When we asked what he has learned in his 17 years with Fidelity, he told the story of one manager who spotted the tech bubble in 1998, then sold all of his technology holdings and missed the last two years of the bull market. The lesson: "Don't make big bets, and don't be right too early."
In contrast to the gregarious Rakers, Tillinghast is a quiet guy with an unexpectedly droll sense of humor. When he receives those hundreds of pages of Fidelity research, he's tempted to ask analysts to "use catchy headlines telling me what I'm going to get."
Like Rakers, Tillinghast concentrates on companies that are good values, and he's especially comfortable with consumer stocks, a sector he once analyzed. How does a fund manager who's responsible for more than $23 billion in assets keep his cool? "Think what could go wrong ahead of time," he says, "then do everything you can so that you're not roadkill if the worst happens."

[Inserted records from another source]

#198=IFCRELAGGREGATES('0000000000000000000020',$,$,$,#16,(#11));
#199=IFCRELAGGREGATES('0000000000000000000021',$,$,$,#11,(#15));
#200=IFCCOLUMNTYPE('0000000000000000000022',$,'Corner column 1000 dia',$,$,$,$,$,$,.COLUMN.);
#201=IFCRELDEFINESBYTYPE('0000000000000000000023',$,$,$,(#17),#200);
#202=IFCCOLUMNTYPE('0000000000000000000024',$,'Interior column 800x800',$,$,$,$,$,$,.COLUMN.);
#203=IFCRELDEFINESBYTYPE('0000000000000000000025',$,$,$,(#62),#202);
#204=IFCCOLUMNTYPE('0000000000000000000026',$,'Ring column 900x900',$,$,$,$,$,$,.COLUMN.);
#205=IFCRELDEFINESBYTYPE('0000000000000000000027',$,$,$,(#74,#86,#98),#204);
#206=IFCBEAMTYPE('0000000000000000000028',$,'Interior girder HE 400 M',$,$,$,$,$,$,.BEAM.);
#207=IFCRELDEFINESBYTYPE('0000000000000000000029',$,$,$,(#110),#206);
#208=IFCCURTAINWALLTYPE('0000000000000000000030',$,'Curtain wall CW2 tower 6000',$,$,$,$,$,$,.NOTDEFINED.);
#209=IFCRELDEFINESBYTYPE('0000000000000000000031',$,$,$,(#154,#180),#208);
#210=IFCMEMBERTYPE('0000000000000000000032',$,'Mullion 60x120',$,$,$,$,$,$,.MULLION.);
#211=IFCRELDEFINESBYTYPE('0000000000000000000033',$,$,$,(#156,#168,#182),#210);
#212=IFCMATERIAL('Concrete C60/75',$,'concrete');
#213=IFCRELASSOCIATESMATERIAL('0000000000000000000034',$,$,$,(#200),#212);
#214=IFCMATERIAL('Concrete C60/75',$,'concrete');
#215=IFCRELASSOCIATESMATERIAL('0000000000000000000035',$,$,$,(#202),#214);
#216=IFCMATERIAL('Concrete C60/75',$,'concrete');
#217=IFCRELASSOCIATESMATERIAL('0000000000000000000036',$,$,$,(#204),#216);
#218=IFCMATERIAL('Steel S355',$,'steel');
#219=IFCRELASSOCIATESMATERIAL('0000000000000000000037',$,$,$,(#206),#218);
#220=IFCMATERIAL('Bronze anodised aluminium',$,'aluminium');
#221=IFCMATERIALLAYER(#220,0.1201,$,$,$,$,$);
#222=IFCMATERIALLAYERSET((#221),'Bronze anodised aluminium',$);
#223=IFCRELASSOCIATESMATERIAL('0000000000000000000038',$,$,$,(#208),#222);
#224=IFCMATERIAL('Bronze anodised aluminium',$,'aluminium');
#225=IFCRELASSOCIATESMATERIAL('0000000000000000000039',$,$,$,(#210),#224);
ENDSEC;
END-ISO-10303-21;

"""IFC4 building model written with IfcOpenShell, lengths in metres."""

And here's a tidbit you won't read in most financial publications: Tillinghast is a descendant of Pardon Tillinghast, who, as Joel puts it, "hung out with" Roger Williams, founder of the Rhode Island colony.
Behind the Scenes
Going one-on-one with fund managers and advisers helps us evaluate their investing strategies and track records, whether we're choosing the Kip 25 or compiling our annual fund rankings. At the recent Morningstar mutual fund conference, our team of writers corralled nearly three dozen managers and advisers. (See 15 Stock Picks From Top Mutual Fund Managers).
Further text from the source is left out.